Table 4 Comparision of water level of June 1988 and 2002

A water balance study of the entire area was attempted. The water balance result shows a surplus of 169 million m³ (Umar 1990), although there is a surplus of groundwater but still the eastern part of the area is showing over exploitation which indicates that this part is not getting contribution from Nim–Ganga interfluve because of certain inherent hydrogeological characteristics. In the latest reconnaissance survey (year 2002) it was found that the groundwater situation is almost the same and the similar trend of utilization is continued which is also evident from Table 4, thus it is believed that the situation may not have changed the component of the groundwater balance drastically. However, if the recommendations presented below are implemented, the groundwater situation in each area is expected to change and then a revised groundwater balance should be made.

Conclusion

The Ganga River and many tributaries have given rise to various aquifer types of different dimensions, making up complex flow regimes. The granular material consists of fine through medium to coarse micaceous sand mixed with gravel. The various hydrogeological cross-sections depict three-tier aquifer systems down to 140 mbgl. These aquifers finally merge with each other and behave as a single body aquifer system due to the discontinuities of the clay layer. The near surface groundwater occurs under water table conditions while deeper aquifers occur under confined conditions. The water table varies between 179 and 162 m amsl and the regional slope of groundwater is from NW to SE and follows the general topography of the area. In most parts of the area, Ganga and Kali rivers behave as effluent streams. The hydrographs of Nim–Kali interfluves show a progressive decline of 0.34 m/year. The aquifer parameters such as transmissivity and specific yield at Paharipur pumping test site are 2060 m²/day and 8.9%, respectively. However, at Danapur pumping test site the transmissivity and storativity values are 528 m²/day and 7.75×10⁻⁴, respectively. The values of K (hydraulic conductivity), determined through grain size analysis (the aquifer being alluvial), provide reasonable estimates. The coexistence of two hydrogeologically opposite situations provides only short-term steady state.

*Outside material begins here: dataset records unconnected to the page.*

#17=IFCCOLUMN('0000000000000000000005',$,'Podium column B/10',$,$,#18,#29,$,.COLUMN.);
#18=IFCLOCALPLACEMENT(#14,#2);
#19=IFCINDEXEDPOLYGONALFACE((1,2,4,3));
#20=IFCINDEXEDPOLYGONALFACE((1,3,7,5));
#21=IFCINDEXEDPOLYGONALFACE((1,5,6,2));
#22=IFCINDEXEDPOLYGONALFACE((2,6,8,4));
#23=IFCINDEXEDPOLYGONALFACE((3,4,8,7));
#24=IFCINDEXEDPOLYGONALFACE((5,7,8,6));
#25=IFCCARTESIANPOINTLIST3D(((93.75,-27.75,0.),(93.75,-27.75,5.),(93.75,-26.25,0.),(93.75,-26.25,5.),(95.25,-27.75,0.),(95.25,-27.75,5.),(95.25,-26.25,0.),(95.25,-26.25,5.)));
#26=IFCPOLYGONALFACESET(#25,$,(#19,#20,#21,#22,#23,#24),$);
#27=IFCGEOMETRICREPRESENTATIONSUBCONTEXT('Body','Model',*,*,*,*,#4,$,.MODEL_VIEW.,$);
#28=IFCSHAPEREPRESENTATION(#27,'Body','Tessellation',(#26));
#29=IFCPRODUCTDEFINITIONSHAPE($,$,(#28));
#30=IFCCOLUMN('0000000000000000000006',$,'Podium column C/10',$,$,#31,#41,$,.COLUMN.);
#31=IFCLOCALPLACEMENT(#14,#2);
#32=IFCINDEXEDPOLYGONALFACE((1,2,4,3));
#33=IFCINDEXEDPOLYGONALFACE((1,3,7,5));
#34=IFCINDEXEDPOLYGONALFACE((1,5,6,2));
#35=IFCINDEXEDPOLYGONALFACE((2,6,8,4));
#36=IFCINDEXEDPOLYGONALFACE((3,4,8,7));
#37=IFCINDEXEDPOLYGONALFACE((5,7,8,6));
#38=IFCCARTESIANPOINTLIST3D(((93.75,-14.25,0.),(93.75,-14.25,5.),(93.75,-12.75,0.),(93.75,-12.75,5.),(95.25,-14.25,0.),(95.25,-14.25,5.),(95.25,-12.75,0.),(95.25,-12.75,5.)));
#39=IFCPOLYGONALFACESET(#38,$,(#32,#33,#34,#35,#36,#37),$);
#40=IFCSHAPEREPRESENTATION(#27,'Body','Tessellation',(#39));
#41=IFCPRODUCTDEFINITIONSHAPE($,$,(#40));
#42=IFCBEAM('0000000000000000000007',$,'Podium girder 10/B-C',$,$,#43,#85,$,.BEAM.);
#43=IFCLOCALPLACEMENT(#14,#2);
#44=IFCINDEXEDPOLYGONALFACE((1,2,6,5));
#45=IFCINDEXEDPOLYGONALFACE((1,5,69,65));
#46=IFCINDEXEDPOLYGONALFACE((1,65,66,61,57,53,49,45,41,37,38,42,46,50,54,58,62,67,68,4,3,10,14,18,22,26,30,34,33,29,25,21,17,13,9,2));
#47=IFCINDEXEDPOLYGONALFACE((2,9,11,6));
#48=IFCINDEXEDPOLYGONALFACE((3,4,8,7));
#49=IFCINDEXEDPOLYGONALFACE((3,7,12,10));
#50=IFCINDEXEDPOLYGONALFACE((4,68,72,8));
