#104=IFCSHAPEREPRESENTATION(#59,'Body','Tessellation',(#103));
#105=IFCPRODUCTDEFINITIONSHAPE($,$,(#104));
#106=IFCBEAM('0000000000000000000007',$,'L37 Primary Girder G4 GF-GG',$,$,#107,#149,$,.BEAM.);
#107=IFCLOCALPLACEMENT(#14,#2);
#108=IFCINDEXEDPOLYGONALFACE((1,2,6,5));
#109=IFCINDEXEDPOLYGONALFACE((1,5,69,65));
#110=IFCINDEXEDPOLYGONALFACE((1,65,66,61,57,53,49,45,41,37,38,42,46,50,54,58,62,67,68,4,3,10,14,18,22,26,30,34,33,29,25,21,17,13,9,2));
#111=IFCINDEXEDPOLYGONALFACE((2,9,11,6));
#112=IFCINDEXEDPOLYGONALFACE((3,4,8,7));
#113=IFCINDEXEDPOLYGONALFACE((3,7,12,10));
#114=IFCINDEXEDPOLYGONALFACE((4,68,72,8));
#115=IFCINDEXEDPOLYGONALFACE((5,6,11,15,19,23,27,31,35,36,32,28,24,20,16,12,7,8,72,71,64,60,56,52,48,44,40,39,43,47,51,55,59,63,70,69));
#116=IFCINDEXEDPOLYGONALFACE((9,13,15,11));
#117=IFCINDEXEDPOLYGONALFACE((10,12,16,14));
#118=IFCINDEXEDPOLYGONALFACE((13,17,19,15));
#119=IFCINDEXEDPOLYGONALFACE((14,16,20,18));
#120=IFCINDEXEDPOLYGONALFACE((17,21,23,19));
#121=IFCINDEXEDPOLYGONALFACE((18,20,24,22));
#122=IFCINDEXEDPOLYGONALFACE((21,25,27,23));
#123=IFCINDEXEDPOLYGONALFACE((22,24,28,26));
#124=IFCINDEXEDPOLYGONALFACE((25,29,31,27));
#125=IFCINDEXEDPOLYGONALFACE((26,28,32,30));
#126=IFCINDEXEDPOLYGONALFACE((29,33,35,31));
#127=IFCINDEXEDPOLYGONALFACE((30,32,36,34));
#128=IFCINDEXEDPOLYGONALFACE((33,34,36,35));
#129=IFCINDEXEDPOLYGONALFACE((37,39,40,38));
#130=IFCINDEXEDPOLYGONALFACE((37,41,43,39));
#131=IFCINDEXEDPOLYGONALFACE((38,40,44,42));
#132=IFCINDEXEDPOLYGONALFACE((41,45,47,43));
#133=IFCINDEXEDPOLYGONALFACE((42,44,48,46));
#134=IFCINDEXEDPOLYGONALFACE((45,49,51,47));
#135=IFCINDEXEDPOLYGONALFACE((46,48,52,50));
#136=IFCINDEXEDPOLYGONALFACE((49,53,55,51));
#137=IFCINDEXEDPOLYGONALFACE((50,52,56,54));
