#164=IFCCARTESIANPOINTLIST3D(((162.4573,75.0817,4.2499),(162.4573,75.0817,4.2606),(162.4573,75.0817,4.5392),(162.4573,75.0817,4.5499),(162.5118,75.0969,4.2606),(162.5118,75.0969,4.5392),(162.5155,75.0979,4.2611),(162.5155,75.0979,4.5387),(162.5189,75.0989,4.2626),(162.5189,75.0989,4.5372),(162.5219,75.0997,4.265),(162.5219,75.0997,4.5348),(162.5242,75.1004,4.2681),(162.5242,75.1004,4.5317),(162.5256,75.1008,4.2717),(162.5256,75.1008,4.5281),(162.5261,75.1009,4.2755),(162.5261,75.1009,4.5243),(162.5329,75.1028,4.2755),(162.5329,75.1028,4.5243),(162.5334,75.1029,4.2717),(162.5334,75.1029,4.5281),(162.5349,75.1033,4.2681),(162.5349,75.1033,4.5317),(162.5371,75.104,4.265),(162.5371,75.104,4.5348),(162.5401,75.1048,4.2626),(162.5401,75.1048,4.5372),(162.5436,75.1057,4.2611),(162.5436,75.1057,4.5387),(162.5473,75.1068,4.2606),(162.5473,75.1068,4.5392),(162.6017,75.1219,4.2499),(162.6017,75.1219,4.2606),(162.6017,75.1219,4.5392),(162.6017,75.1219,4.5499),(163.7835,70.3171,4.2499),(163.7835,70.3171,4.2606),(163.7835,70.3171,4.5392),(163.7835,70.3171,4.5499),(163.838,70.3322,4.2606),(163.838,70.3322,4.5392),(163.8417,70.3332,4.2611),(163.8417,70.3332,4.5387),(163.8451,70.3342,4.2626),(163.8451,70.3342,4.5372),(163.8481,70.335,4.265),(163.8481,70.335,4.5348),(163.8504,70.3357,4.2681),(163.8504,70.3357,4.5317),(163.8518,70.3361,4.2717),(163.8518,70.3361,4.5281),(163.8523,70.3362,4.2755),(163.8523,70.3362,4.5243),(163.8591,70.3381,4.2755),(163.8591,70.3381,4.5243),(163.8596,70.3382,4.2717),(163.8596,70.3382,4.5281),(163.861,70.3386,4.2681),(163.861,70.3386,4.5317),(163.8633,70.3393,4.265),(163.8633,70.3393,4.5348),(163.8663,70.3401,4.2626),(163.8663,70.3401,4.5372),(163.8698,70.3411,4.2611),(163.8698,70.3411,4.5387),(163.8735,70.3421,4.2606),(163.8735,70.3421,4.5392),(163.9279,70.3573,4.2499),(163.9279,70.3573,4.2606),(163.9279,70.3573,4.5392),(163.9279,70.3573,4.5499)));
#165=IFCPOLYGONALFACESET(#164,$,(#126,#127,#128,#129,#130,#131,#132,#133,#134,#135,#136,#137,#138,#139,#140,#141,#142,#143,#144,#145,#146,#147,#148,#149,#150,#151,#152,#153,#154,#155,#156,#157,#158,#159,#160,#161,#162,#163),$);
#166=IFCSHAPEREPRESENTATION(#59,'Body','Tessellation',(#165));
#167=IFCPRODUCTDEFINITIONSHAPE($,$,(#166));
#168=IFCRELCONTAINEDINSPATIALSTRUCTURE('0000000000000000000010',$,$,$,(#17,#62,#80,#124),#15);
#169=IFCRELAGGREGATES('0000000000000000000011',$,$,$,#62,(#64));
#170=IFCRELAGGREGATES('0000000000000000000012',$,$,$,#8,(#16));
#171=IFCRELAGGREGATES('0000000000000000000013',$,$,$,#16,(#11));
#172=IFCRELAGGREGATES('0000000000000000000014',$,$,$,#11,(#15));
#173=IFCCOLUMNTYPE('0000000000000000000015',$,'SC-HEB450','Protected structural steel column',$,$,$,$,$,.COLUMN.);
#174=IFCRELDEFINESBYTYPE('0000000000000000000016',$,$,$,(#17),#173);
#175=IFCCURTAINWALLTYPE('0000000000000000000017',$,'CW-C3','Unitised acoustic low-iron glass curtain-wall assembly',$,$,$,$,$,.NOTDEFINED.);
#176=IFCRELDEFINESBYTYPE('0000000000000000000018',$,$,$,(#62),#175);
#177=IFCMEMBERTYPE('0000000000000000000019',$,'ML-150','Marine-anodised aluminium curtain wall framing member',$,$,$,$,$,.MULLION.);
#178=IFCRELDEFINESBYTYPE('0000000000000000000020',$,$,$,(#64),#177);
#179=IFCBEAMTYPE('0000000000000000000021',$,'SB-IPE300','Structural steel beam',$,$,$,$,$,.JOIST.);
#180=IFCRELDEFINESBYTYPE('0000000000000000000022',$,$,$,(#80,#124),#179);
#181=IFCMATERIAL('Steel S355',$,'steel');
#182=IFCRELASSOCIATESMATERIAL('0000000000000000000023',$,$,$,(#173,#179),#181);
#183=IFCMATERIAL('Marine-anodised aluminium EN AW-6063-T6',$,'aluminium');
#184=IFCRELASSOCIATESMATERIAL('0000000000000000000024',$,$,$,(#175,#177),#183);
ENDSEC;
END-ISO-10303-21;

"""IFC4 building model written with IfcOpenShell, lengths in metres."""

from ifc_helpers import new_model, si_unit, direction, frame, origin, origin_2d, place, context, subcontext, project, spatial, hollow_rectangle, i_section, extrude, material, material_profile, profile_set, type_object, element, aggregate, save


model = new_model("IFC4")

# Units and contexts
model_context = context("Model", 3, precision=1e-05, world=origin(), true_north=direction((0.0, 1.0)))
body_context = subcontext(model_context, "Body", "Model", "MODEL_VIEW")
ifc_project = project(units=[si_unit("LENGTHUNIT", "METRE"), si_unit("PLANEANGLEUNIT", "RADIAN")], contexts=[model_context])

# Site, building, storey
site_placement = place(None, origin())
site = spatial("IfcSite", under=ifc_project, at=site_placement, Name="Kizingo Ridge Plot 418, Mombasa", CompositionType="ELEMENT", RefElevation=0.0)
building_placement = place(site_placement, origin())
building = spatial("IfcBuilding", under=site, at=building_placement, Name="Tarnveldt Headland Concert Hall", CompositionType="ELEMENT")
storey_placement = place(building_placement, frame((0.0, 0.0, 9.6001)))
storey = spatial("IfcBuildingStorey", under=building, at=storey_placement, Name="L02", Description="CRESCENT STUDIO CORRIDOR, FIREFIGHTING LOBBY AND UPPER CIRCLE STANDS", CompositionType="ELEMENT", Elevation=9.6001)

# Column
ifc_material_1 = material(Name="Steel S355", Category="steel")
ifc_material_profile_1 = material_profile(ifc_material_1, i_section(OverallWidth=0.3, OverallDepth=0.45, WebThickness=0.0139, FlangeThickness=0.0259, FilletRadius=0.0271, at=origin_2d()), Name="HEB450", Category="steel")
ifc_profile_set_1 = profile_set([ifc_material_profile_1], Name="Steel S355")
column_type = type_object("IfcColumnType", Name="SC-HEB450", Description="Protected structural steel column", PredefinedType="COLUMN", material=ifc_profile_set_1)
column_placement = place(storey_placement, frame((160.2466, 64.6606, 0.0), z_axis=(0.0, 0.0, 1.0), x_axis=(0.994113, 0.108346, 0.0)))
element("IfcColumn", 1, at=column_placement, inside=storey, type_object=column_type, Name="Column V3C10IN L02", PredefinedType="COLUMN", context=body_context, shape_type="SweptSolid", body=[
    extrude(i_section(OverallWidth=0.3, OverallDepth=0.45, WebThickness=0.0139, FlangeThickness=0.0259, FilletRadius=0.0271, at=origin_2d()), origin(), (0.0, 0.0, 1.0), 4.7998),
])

In order to achieve systematic exploitation without disturbing the natural hydrodynamic system, the following remedial measures are suggested.

1. 1.

   In view of the declining water level, which is consequent to excessive withdrawal from the shallow aquifer, it is suggested that further exploitation of groundwater from the shallow aquifer should be restricted. Stress of heavy exploitation may be put to the second and third aquifer so that it is more evenly distributed.

2. 2.

   Suitable artificial recharge techniques such as rehabilitation of ponds and dug wells should be practiced for recharge purposes during monsoon periods. Construction of recharge pits is necessary where such structures are not available.

3. 3.

   Groundwater should be pumped in the area between the Nim River and the Ganga River. This will help to reduce the problem of acute water logging along the lower Ganga canal.

4. 4.

   Conjunctive use of surface water and groundwater resources is the optimal method of obtaining maximum possible water development.